Governments around the world are facing sensational allegations of spying on the phones of workers, journalists, corporate executives and politicians through software developed by Israel.
After all, how does this Pegasus spyware work? How does it get into people’s phones and what can it do after it gets there?
According to the AFP news agency, researchers believe that the initial version of the hacking software was diagnosed in 2016 and they send them text messages to force them to click on the message to trap their targets.
In order to download this spyware, the recipient has to click on the link in the spy messages, but at the same time, the chances of its successful installation are lessened as now the phone users have to click on the suspicious links. Have become very careful.
The latest version of Pegasus has been developed by the Israeli firm NSO Group, which generally seeks to take advantage of vulnerabilities in software installed on mobile phones.
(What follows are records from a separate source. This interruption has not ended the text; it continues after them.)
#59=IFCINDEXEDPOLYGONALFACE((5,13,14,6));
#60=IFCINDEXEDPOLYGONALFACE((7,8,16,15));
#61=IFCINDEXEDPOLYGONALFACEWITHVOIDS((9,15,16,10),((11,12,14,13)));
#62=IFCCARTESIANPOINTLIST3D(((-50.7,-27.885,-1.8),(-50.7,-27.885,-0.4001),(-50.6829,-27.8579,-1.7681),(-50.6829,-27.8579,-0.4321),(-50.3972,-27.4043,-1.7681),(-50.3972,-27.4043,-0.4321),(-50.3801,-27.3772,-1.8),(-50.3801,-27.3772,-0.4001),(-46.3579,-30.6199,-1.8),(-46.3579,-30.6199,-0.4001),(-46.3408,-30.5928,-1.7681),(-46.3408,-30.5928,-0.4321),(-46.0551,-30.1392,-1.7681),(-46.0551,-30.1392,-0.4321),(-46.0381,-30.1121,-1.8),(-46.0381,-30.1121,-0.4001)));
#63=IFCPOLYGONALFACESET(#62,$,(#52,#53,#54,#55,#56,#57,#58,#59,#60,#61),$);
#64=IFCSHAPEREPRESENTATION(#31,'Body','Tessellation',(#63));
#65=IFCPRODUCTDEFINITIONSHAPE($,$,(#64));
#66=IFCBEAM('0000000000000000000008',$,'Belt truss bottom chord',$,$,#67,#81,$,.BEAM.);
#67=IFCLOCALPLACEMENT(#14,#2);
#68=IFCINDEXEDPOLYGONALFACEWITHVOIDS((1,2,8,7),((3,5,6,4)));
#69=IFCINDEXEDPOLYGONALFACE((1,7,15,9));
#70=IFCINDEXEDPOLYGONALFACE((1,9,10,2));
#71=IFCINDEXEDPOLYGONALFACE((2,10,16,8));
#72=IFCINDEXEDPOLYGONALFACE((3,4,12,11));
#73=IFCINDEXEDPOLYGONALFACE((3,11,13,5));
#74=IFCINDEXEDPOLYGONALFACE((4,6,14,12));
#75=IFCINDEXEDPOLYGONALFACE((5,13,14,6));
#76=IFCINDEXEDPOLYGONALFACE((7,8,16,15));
In 2019, messaging service WhatsApp filed a lawsuit against NSO alleging that it installed secret software in the phones of 1,400 users using the operating system.
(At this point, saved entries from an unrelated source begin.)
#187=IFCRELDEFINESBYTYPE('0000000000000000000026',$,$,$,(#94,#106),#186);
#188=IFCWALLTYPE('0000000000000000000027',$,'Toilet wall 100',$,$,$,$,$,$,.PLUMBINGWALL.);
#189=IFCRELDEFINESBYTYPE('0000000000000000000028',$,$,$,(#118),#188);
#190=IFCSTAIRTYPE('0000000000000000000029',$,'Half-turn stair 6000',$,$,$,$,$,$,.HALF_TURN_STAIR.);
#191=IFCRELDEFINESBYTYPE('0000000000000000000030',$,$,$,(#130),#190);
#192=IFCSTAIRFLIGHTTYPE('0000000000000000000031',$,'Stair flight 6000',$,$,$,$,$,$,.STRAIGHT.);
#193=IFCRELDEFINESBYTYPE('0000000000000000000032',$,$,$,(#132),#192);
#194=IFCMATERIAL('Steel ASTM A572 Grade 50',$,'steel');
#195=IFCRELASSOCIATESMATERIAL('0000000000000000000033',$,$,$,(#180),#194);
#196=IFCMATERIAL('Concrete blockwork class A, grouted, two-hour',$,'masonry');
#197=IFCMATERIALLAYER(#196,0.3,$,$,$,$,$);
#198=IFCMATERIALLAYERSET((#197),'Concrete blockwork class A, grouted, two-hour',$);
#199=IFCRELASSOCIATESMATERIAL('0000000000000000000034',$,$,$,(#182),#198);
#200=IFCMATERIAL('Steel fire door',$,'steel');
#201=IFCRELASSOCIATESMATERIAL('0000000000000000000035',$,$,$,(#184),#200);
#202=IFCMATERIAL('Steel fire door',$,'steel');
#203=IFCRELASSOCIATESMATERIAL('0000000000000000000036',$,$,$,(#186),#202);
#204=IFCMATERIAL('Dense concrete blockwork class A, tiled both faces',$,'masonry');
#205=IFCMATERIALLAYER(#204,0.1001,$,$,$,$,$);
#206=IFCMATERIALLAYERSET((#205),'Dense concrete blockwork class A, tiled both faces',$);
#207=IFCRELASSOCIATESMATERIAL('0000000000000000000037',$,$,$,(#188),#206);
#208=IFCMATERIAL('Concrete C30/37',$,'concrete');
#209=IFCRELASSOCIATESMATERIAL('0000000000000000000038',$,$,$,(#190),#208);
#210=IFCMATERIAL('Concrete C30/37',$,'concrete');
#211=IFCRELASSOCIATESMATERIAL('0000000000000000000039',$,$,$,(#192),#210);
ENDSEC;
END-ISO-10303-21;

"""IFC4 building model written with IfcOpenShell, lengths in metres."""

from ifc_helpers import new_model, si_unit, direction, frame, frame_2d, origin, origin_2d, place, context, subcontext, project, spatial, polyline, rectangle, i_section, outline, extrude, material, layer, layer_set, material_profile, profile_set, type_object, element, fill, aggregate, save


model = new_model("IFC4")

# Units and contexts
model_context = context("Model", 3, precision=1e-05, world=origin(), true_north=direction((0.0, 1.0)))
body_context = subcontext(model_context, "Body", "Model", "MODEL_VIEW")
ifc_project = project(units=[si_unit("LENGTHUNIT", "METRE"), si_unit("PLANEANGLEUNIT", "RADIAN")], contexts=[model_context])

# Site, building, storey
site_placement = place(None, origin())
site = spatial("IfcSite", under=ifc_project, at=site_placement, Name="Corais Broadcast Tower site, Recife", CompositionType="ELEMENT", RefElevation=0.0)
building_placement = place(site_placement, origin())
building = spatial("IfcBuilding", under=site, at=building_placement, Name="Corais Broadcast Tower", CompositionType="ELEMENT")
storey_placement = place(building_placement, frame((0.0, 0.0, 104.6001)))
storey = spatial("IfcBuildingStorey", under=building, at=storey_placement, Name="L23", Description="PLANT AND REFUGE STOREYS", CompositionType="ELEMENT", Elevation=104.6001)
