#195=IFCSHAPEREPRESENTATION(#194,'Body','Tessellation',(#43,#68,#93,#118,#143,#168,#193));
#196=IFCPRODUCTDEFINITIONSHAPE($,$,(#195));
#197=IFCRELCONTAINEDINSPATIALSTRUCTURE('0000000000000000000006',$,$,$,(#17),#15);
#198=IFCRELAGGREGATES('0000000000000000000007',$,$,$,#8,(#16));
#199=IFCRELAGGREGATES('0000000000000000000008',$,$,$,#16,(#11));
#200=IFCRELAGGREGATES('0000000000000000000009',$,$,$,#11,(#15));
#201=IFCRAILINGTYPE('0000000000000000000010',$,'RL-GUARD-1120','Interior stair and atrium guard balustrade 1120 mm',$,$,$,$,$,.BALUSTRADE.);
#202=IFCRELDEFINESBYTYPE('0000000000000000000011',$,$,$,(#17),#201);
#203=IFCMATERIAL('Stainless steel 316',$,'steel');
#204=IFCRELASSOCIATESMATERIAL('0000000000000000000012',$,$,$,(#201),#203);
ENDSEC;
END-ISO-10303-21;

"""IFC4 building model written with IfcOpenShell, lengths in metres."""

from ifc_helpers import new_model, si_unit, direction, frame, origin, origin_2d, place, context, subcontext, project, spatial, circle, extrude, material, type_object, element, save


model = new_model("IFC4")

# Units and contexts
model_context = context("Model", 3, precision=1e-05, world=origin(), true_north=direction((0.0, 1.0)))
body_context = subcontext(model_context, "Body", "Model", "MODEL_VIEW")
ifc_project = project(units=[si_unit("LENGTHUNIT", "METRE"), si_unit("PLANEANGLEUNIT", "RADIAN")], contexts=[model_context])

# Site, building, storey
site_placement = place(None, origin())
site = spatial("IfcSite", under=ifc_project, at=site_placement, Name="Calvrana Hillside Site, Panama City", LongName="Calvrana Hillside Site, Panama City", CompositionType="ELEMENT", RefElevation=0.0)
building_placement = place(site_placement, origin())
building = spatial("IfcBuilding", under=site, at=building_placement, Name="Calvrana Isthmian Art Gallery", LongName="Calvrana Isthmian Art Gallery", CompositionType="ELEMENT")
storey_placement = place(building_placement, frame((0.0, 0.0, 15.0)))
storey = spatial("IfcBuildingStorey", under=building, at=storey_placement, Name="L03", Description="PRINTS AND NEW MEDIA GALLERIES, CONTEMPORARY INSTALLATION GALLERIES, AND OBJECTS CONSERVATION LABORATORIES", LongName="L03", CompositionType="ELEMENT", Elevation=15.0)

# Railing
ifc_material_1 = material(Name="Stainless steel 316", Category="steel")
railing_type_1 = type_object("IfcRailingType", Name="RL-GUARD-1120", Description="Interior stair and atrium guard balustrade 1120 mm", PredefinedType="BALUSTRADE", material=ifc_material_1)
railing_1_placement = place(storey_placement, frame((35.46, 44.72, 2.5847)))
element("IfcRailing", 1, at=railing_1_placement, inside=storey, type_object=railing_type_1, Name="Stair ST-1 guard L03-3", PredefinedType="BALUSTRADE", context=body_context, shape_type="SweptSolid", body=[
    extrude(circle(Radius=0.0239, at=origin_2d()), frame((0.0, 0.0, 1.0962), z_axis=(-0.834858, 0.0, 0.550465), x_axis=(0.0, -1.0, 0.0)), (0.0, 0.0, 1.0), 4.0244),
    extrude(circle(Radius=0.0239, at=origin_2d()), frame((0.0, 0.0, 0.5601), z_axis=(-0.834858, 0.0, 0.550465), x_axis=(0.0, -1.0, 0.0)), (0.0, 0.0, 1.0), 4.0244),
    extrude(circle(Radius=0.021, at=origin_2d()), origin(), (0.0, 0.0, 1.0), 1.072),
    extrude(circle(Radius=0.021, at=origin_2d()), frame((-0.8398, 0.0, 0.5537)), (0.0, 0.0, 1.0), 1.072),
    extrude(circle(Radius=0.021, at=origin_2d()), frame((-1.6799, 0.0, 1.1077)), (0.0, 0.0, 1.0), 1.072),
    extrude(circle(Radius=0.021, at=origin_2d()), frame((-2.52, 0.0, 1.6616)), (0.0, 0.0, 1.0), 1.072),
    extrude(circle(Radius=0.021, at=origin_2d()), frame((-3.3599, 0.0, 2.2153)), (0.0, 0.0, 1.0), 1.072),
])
Simply calling the target via WhatsApp allows Pegasus to be downloaded to the person’s phone, even if they do not receive the call, the software is installed.
According to recent reports, Pegasus has taken advantage of vulnerabilities in Apple’s iMessage software, which could potentially give it access to the one billion Apple iPhones currently in use, all from the user. You will be able to do it easily without clicking any button.
What does malware do after it is installed?
Alan Woodward, a professor of cybersecurity at the University of Surrey in the UK, says Pegasus is perhaps the most talented software that works remotely.
“Imagine being able to put your art into someone else’s hands, using it to read the target’s messages and e-mails, view photos, track calls, and locate them,” he said. Can be used for detection and even filming with their own camera.
Woodward said that the developers of Pegasus have found the best places to hide in various software and now it is very difficult to know whether it contains malware or not.
That’s why it’s not yet clear how many people’s devices have been tapped, although new international media reports say the identification of more than 50,000 phone numbers is of interest to NSO clients. Remains.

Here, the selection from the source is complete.